Town Hall
Reviewer: Heath Lees
Not many people have heard of Arturo Marquez, the Mexican composer whose music opened this Royal SunAlliance concert, and whose greatest gift seems to be in transposing lots of foot-tapping, hip-swaying Latin-American dance music on to the symphony orchestra.
His Danzon No. 2 (the follow-up to an earlier hit Danzon No.1?) was patchy but bouncy and tuneful, which was nice.
After the interval, the conductor Miguel Harth-Bedoya asked us whether we had liked the work, like a host asking whether we had enjoyed the soup.
We politely said yes,thank you, but had no idea that we'd get the piece all over again at the end as an encore - and neither did the players, who had to scurry around for the music and try to re-capture, at short notice, some of the opening excitement.
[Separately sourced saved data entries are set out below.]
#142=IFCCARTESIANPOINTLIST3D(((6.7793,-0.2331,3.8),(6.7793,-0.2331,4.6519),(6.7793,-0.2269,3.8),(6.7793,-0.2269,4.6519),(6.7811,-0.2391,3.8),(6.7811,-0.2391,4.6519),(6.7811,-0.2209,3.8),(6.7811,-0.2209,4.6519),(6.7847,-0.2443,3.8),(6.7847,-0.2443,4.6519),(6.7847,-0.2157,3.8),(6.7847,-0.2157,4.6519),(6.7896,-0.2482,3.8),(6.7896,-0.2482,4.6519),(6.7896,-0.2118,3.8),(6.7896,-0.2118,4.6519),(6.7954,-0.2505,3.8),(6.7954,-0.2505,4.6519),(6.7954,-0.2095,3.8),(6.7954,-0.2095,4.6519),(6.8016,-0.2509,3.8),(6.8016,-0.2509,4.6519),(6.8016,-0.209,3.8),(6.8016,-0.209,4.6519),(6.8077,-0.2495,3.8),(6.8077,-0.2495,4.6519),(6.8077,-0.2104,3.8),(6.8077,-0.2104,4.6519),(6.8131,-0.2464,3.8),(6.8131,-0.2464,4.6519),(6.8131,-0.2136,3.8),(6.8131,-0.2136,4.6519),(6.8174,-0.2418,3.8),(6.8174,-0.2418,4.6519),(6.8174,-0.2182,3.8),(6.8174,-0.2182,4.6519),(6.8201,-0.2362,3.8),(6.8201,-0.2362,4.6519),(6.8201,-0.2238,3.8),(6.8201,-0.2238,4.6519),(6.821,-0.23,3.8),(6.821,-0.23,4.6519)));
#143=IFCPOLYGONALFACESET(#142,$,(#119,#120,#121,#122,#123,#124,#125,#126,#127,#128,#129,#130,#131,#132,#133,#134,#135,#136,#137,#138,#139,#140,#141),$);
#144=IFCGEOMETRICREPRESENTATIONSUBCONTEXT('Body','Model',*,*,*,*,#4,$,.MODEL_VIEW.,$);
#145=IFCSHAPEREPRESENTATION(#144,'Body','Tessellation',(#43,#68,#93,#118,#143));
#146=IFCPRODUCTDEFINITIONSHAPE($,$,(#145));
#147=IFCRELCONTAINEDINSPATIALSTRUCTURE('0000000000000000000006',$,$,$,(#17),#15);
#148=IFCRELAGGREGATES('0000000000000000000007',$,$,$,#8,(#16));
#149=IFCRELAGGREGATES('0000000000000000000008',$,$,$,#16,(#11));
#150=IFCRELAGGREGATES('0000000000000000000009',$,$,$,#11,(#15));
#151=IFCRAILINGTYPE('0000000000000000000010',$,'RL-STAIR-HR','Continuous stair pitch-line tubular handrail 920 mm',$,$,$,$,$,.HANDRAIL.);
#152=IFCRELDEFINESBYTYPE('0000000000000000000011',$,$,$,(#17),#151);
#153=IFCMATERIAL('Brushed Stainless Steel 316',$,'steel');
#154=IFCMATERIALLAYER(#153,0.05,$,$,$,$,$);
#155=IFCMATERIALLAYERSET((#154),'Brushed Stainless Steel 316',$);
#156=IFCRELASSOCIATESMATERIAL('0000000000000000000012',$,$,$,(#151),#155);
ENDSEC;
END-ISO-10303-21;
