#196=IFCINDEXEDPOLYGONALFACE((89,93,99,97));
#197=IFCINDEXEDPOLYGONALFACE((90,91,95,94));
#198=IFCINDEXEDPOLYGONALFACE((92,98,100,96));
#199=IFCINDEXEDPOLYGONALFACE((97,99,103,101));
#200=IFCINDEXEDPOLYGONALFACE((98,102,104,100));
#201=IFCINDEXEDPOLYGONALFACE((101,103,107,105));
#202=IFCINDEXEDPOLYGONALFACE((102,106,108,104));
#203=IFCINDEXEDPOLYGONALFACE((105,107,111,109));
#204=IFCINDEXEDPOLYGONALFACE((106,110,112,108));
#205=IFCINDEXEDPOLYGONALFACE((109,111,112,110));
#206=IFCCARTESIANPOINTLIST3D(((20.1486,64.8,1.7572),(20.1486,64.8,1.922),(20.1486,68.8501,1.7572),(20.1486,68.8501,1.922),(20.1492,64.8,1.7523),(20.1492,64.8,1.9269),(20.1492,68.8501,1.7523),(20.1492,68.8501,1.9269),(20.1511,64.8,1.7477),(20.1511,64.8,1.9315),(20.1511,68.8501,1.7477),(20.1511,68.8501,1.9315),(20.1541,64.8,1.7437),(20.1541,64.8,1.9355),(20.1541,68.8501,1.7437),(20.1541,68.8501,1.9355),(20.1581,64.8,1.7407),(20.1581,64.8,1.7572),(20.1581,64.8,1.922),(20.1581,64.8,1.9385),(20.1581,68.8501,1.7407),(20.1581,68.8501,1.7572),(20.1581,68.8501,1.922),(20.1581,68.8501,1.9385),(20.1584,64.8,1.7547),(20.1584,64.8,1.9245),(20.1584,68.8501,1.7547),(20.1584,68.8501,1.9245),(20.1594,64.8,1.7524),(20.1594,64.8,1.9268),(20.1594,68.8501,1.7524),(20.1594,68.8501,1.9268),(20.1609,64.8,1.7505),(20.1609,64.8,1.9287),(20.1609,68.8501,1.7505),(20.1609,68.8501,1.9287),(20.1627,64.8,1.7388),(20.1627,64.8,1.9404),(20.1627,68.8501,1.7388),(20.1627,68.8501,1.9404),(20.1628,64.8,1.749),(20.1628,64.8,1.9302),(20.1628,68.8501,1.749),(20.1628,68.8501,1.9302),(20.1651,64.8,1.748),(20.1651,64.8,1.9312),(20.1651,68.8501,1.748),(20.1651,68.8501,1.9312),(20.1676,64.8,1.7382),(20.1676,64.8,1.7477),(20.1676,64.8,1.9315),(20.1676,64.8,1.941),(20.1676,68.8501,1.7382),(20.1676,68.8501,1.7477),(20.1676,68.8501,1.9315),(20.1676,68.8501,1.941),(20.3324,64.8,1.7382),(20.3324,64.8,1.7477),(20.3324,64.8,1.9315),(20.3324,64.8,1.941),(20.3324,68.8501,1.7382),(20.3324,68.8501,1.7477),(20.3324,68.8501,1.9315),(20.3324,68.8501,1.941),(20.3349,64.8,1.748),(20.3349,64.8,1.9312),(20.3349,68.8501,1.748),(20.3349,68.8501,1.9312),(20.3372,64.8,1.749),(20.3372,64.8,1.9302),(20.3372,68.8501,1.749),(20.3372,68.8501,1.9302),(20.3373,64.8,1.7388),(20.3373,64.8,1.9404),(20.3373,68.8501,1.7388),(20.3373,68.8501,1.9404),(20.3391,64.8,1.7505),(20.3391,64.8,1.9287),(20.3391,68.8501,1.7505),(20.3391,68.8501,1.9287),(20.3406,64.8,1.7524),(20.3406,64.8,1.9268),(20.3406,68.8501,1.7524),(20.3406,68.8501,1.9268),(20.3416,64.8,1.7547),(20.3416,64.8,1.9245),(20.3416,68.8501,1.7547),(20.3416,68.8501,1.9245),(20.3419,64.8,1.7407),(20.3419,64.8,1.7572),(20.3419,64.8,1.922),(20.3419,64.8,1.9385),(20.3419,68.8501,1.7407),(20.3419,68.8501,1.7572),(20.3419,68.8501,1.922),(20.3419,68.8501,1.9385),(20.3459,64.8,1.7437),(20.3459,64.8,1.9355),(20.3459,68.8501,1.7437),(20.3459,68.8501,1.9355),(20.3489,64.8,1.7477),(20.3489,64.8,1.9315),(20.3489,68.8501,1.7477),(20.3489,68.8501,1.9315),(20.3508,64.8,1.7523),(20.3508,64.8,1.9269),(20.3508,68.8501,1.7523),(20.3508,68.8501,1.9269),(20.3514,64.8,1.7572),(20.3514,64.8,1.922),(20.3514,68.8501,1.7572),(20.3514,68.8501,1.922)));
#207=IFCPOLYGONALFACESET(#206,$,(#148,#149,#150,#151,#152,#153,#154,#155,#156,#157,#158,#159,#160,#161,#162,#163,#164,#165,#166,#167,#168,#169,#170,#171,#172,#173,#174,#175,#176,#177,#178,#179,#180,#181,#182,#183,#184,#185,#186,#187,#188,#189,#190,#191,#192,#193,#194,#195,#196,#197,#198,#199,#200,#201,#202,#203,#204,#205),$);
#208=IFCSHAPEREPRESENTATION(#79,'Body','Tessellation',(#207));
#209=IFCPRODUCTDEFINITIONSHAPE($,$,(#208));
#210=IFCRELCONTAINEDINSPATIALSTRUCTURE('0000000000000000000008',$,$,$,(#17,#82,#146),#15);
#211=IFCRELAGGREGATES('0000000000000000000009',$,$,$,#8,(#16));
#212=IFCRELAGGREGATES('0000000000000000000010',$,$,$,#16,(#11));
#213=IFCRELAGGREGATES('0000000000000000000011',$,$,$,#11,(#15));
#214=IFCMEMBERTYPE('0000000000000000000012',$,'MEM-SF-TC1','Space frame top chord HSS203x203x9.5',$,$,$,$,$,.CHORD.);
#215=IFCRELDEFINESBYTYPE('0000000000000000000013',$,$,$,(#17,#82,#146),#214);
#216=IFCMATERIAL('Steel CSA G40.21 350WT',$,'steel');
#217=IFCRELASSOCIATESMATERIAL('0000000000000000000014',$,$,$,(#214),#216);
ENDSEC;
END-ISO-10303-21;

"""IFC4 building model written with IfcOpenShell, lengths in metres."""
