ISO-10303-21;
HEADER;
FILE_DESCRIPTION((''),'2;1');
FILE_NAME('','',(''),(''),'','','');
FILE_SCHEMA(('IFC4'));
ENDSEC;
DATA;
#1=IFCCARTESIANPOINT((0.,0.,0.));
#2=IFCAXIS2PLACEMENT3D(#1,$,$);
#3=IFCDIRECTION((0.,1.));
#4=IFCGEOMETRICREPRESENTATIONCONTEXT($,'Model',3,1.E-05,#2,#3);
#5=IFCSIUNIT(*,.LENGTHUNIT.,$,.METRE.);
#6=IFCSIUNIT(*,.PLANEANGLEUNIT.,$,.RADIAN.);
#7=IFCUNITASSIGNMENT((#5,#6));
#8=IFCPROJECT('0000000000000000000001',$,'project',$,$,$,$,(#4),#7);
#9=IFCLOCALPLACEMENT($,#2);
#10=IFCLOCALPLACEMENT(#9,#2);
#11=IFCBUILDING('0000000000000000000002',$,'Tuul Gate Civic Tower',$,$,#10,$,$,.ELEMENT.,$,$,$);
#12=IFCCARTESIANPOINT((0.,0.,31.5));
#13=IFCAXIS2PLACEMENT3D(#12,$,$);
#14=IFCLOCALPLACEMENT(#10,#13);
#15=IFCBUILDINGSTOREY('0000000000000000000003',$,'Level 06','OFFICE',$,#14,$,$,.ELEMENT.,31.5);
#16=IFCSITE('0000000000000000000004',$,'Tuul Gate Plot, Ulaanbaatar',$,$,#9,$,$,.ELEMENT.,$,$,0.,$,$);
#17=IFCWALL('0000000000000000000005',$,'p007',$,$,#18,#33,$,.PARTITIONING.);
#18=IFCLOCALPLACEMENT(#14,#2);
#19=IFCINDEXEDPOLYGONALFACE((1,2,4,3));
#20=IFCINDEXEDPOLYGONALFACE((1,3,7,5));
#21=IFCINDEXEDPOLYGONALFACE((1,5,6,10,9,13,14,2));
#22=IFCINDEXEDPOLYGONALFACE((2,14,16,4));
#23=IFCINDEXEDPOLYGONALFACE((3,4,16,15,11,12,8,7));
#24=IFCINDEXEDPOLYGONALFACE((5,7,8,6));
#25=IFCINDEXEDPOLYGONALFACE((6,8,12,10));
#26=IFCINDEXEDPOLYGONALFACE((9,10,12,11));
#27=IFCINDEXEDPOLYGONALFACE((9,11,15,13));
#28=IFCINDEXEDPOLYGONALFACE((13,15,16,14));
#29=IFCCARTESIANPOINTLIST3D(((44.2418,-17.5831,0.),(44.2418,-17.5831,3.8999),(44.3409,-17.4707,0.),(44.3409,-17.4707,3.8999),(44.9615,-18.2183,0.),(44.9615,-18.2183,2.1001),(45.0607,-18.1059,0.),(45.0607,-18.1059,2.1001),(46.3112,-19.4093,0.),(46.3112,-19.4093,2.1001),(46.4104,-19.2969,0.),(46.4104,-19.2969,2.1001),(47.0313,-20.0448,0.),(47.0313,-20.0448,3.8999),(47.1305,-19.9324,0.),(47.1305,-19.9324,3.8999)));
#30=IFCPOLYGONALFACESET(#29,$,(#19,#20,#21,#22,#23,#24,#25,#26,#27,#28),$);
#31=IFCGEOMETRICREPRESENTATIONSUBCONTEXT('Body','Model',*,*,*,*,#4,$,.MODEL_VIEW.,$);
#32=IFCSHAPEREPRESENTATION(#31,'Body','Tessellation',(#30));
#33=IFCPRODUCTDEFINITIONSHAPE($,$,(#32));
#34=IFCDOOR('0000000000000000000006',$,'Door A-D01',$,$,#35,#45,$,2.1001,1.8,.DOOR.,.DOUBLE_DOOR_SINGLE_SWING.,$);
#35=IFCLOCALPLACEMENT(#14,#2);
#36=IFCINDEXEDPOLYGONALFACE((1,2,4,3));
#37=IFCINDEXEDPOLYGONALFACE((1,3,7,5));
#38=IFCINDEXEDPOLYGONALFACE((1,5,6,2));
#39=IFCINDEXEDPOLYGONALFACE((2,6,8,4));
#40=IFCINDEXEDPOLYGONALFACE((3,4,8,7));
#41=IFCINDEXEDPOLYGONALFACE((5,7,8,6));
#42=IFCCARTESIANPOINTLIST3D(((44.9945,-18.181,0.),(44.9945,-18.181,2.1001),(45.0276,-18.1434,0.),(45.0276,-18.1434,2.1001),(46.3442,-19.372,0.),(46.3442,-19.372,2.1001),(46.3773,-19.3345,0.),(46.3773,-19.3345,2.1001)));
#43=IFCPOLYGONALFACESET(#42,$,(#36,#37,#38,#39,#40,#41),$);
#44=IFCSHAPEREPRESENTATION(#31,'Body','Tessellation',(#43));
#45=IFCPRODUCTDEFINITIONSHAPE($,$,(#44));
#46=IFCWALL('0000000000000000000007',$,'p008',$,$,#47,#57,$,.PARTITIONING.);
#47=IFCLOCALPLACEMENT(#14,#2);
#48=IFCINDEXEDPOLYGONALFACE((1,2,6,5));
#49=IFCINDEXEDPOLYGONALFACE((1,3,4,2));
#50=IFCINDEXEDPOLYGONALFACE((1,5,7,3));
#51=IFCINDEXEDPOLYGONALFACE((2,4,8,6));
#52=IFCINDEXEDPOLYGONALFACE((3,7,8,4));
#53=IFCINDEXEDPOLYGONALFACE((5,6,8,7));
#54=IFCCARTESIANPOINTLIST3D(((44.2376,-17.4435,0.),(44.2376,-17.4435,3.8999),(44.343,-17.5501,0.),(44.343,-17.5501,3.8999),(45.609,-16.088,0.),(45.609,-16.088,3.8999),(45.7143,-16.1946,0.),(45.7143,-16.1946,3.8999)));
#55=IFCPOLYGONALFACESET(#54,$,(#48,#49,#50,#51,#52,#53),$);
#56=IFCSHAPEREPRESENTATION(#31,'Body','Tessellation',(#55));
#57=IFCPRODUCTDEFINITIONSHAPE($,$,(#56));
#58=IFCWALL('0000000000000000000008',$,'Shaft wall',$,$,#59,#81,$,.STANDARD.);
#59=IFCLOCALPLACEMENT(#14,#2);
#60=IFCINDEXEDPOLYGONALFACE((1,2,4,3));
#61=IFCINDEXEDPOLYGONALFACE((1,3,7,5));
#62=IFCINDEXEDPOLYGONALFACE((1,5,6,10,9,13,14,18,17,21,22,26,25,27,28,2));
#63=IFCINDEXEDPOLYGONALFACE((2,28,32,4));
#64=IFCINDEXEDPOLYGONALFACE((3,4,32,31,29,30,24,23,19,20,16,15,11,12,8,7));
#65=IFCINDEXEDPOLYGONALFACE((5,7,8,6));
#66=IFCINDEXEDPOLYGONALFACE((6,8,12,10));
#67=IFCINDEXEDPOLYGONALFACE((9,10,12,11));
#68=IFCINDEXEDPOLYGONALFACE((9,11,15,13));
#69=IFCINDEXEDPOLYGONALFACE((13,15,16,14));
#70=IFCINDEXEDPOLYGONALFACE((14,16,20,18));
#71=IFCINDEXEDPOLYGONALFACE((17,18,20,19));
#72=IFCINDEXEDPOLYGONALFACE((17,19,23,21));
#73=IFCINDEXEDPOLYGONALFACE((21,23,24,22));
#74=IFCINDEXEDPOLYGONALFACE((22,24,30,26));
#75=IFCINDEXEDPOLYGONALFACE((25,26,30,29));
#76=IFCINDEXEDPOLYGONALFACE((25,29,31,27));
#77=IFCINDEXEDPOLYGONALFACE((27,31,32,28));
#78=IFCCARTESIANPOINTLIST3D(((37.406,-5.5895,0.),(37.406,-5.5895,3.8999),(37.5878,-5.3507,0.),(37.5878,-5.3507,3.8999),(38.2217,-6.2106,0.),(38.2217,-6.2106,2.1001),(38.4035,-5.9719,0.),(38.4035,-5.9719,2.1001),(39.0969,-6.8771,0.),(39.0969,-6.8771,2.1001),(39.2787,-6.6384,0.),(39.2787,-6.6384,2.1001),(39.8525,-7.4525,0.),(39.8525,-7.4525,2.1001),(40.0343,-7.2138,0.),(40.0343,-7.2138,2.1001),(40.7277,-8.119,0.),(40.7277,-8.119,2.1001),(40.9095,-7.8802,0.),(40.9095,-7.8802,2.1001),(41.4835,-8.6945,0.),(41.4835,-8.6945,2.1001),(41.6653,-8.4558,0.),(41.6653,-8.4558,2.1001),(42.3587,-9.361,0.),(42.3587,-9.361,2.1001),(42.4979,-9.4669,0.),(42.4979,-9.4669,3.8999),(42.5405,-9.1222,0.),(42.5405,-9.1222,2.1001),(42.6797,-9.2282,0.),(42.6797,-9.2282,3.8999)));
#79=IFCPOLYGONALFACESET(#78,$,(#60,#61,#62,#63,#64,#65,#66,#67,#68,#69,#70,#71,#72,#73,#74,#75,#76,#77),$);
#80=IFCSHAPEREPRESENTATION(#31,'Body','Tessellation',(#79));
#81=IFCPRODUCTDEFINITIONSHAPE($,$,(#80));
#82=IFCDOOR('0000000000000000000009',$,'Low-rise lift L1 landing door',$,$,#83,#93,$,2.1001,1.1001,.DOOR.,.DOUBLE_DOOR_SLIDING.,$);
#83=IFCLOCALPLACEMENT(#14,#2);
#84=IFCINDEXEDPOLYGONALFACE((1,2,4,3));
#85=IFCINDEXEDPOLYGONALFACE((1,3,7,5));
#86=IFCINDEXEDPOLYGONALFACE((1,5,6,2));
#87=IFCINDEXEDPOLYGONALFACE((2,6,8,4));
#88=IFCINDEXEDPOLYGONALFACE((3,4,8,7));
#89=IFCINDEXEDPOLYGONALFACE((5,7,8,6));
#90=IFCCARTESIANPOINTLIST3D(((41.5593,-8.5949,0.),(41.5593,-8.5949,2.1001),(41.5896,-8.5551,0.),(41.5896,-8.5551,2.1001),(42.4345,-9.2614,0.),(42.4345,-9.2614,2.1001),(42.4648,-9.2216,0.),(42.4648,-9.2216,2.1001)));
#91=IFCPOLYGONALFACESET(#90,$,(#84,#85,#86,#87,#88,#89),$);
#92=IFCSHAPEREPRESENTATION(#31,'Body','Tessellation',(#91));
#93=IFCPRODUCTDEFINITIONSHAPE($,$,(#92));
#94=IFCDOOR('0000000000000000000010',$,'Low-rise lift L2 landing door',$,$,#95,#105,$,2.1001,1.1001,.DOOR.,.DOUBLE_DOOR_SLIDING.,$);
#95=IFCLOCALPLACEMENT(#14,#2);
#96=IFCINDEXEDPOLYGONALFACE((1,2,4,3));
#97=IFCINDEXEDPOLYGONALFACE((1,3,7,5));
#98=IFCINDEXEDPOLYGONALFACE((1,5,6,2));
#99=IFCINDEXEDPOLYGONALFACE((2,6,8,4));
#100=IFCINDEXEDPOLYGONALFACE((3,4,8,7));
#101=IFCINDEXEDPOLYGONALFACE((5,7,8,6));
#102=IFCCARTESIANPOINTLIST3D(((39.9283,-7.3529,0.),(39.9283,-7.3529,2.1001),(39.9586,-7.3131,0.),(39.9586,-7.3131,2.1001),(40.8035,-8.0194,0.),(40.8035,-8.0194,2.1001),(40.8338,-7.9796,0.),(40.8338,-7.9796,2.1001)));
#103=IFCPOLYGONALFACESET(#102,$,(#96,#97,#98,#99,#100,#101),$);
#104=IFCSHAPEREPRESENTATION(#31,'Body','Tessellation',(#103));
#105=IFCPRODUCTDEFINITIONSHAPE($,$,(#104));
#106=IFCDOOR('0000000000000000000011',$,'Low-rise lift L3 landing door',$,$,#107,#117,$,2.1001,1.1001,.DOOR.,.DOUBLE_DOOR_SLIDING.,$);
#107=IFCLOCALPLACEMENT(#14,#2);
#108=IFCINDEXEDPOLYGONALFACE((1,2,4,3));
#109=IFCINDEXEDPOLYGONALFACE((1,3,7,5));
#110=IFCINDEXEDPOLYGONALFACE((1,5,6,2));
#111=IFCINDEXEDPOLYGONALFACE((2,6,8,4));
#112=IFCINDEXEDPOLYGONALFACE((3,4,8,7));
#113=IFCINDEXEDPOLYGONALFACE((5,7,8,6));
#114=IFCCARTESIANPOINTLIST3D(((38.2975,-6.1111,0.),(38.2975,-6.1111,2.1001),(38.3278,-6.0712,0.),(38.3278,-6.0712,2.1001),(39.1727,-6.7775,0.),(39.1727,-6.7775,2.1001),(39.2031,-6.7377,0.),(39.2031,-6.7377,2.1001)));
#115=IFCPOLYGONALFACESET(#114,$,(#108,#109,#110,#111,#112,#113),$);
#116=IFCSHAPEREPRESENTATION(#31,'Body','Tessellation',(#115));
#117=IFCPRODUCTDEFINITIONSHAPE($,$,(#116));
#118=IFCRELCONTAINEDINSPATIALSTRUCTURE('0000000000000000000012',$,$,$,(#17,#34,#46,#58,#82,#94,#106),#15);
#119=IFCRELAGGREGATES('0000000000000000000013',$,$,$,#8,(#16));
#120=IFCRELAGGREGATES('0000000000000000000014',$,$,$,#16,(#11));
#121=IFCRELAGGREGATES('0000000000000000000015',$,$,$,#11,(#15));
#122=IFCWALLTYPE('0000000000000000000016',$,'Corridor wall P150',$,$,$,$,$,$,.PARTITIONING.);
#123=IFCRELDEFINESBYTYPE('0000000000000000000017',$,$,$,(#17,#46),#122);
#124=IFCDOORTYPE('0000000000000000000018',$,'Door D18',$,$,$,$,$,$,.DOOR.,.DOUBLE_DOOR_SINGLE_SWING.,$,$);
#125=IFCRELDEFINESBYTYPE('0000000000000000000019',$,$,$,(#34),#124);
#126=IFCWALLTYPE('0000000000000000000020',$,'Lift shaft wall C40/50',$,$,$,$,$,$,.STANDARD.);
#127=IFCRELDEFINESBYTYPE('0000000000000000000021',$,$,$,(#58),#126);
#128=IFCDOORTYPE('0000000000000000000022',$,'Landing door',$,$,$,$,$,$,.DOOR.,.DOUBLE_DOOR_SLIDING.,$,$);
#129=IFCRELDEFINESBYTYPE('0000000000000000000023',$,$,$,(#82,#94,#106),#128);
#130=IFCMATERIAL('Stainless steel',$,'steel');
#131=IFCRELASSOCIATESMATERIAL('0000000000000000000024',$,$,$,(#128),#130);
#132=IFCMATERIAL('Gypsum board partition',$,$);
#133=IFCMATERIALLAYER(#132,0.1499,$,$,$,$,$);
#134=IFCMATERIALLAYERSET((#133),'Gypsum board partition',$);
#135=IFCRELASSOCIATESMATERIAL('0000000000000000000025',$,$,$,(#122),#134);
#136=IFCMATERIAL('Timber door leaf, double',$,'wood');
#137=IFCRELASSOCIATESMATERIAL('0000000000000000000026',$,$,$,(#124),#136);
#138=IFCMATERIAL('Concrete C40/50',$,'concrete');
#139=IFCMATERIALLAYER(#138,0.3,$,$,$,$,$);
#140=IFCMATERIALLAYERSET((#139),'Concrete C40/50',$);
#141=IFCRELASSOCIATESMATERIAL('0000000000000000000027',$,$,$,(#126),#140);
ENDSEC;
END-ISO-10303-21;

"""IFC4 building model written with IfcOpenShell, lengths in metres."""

from ifc_helpers import new_model, si_unit, direction, frame, frame_2d, origin, place, context, subcontext, project, spatial, rectangle, extrude, material, layer, layer_set, type_object, element, fill, save


model = new_model("IFC4")

# Units and contexts
model_context = context("Model", 3, precision=1e-05, world=origin(), true_north=direction((0.0, 1.0)))
body_context = subcontext(model_context, "Body", "Model", "MODEL_VIEW")
ifc_project = project(units=[si_unit("LENGTHUNIT", "METRE"), si_unit("PLANEANGLEUNIT", "RADIAN")], contexts=[model_context])

# Site, building, storey
site_placement = place(None, origin())
site = spatial("IfcSite", under=ifc_project, at=site_placement, Name="Tuul Gate Plot, Ulaanbaatar", CompositionType="ELEMENT", RefElevation=0.0)
building_placement = place(site_placement, origin())
building = spatial("IfcBuilding", under=site, at=building_placement, Name="Tuul Gate Civic Tower", CompositionType="ELEMENT")
storey_placement = place(building_placement, frame((0.0, 0.0, 31.5)))
storey = spatial("IfcBuildingStorey", under=building, at=storey_placement, Name="Level 06", Description="OFFICE", CompositionType="ELEMENT", Elevation=31.5)

# Shared definitions
ifc_material_1 = material(Name="Stainless steel", Category="steel")
door_type_1 = type_object("IfcDoorType", Name="Landing door", OperationType="DOUBLE_DOOR_SLIDING", PredefinedType="DOOR", material=ifc_material_1)

# Wall, opening, door
ifc_material_2 = material(Name="Gypsum board partition")
ifc_layer_1 = layer(ifc_material_2, 0.1499)
ifc_layer_set_1 = layer_set([ifc_layer_1], Name="Gypsum board partition")
wall_type_1 = type_object("IfcWallType", Name="Corridor wall P150", PredefinedType="PARTITIONING", material=ifc_layer_set_1)
wall_1_placement = place(storey_placement, frame((44.2913, -17.5269, 0.0), z_axis=(0.0, 0.0, 1.0), x_axis=(0.749798, -0.661667, 0.0)))
wall_1 = element("IfcWall", 1, at=wall_1_placement, inside=storey, type_object=wall_type_1, Name="p007", PredefinedType="PARTITIONING", context=body_context, shape_type="SweptSolid", body=[
    extrude(rectangle(XDim=3.7205, YDim=0.1499, at=frame_2d((1.8604, 0.0))), origin(), (0.0, 0.0, 1.0), 3.8999),
])
opening_1_placement = place(wall_1_placement, frame((0.9602, 0.0, 0.0)))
Extending a meal with re-heated soup is not a good idea, but Harth-Bedoya was probably trying to make up for the brief and somewhat bland fare of Prokofiev's Seventh Symphony, the composer's last work in the genre, full of graceful influences from the ballet, but bearing little that is original or challenging - hardly meat enough for a complete second half.
So the concert's main course turned out to be Ravel's marvellous Piano Concerto in G. Here the soloist Deidre Irons decided to dispense with the usual, edgy brilliance in favour of an understated but nevertheless Romantic warmth, which worked well at the start.
Regrettably, the second movement gradually lost its calm centre of gravity, with some insecure intonation and pedestrian solos from the lower woodwinds, often at crucial moments.
Still, the final, helter-skelter energy of the third movement was buoyant, and carried all before it into an exciting ending.